Tail /var/log/nginx/ k8s-access.log-f 192.168.219.181 - [30/May/2020:11:15:10 +0800] 200 422 192.168.219.181 192.168.219.164:6443 - [30/May/2020:11:15:26 +0800] 200 422

That doesn’t end there, but here’s the most important step.

12. Modify all Worker nodes to connect to LB VIP

Imagine that although we added MASTER2 and load balancer, we expanded capacity from a single Master architecture, which means that currently all Node components are still connected to MASTER1. If we don’t connect to VIP load balancer instead, then the Master will still be a single point of failure.

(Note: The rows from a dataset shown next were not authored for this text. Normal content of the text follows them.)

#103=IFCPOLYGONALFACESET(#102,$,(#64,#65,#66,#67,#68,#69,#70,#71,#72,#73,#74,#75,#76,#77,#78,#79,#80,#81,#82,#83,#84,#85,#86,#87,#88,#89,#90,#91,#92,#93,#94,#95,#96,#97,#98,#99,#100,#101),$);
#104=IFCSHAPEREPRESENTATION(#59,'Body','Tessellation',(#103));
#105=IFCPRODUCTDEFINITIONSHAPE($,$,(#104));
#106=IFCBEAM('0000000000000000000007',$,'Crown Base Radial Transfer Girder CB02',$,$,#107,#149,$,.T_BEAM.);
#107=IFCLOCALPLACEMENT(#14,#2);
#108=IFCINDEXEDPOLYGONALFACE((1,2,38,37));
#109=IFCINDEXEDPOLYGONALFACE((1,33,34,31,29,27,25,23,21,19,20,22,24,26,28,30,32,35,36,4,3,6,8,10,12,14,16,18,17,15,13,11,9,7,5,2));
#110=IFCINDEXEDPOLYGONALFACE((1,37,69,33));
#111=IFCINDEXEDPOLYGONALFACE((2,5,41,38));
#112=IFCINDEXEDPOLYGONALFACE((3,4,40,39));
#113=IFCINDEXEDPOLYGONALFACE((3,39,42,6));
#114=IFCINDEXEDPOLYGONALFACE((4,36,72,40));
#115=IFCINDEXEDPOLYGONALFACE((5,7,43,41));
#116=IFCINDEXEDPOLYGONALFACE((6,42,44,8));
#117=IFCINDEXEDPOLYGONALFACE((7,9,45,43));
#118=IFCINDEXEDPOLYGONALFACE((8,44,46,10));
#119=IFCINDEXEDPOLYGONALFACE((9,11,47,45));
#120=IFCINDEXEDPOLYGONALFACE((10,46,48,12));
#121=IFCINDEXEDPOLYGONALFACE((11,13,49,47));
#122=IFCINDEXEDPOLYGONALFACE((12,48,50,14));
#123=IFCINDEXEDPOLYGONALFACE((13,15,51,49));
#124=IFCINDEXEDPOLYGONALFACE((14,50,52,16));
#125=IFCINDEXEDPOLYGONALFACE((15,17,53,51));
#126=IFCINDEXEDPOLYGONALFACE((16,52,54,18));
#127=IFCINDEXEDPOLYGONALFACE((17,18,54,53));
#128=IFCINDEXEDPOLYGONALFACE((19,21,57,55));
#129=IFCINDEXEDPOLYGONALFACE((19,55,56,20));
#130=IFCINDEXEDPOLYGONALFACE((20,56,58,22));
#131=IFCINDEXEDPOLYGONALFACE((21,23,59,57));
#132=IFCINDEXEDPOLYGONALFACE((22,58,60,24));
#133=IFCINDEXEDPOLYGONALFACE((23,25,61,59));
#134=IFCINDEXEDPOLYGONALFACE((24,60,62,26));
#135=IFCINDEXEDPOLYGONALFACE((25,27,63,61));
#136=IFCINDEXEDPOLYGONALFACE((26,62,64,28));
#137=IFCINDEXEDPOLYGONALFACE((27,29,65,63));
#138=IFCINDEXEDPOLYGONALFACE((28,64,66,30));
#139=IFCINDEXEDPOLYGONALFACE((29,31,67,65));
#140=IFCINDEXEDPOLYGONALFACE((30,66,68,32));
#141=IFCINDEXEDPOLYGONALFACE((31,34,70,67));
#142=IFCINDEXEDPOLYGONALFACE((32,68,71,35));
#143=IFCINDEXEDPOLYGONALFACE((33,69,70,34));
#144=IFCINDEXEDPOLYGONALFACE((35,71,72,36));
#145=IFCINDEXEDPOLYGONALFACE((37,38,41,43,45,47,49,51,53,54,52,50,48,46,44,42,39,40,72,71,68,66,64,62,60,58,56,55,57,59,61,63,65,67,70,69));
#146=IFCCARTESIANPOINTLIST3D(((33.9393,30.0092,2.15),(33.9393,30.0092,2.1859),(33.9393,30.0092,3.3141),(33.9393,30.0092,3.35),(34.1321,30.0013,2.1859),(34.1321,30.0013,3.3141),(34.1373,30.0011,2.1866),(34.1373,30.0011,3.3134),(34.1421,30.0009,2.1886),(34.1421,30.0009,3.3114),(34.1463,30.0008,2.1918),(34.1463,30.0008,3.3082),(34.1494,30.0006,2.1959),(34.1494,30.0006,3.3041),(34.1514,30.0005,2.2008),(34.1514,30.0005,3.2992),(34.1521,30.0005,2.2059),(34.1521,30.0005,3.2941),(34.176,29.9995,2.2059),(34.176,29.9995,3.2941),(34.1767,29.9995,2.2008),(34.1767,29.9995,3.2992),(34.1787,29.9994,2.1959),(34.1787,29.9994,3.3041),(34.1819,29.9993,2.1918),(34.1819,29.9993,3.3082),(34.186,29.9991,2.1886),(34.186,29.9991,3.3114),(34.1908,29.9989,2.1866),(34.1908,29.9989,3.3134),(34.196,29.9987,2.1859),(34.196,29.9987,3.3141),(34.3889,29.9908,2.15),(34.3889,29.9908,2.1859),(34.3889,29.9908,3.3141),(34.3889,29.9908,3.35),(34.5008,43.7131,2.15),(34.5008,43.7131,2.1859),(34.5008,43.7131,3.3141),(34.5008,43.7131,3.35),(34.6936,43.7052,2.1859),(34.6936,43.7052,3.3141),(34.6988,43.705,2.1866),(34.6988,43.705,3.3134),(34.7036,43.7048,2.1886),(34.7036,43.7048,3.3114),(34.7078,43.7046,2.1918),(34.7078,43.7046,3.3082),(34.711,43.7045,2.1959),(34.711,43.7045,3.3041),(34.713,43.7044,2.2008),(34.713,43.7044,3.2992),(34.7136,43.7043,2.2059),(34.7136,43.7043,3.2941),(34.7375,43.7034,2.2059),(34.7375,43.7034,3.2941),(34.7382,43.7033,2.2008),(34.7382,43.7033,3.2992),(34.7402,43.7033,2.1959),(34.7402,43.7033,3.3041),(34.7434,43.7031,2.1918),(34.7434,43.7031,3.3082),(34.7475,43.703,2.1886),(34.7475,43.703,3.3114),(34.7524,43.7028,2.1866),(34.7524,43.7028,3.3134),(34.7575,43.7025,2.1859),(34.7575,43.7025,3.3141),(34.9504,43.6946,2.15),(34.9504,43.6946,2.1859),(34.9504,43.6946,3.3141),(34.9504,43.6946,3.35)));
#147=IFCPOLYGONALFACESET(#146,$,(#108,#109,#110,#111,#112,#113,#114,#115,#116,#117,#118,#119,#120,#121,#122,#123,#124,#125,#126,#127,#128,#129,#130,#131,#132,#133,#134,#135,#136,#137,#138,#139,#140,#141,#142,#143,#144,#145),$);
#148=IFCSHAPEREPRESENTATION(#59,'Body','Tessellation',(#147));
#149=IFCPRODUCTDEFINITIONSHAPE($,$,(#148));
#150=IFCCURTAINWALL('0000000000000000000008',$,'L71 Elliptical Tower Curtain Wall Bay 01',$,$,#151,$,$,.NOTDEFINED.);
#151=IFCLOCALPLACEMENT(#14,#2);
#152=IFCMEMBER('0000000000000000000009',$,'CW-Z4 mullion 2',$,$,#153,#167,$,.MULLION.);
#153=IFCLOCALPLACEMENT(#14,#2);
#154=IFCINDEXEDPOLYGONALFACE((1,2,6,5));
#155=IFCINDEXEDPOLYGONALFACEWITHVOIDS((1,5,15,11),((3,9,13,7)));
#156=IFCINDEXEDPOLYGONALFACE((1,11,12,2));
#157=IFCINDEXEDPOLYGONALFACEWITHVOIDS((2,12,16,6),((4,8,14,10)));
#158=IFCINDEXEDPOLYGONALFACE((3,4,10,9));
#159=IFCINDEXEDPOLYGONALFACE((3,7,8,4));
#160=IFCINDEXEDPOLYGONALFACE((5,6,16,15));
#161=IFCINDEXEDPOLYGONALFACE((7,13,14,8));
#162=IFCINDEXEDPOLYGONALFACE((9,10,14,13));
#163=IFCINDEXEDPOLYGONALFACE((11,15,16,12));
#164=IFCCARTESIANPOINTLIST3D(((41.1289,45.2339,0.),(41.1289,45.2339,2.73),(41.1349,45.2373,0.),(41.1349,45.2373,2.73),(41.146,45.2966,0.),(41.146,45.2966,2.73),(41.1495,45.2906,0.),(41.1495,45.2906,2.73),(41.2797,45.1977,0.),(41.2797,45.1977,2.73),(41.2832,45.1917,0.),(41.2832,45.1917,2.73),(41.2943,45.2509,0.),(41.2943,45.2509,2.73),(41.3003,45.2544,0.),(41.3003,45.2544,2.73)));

12.1. The next step is to change all Node component configuration files from 192.168.219.161 to 192.168.219.188 (VIP).

The host name ip
k8s-master1 192.168.219.161
k8s-node1 192.168.219.162
k8s-node2 192.168.219.163
k8s-master2 192.168.219.164

This is the node viewed by the kubectl get node command.

12.2. Execute in all the Worker nodes mentioned above

Sed -i 's#192.168.219.161:6443# '/opt/kubernetes/ CFG /* systemctl restart kube-proxy

12.3. Check node status

Kubectl get node NAME STATUS ROLES AGE VERSION k8s-master1 Ready <none> 34H v1.18.18k8s-master2 Ready <none> 101M V1.18.18k8s-node1 Ready <none> 33H v1.18.18k8s-node2 Ready <none> 33H v1.18.18

At this point, a complete set of Kubernetes highly available cluster deployment is complete!

PS: If you are on a public cloud which does not normally support Keepalived, then you can simply use one of their load balancer products (the internal network is fine, it is also free). The architecture is the same as above. Load balancer can be used to load multiple Master Kube-apiservers directly.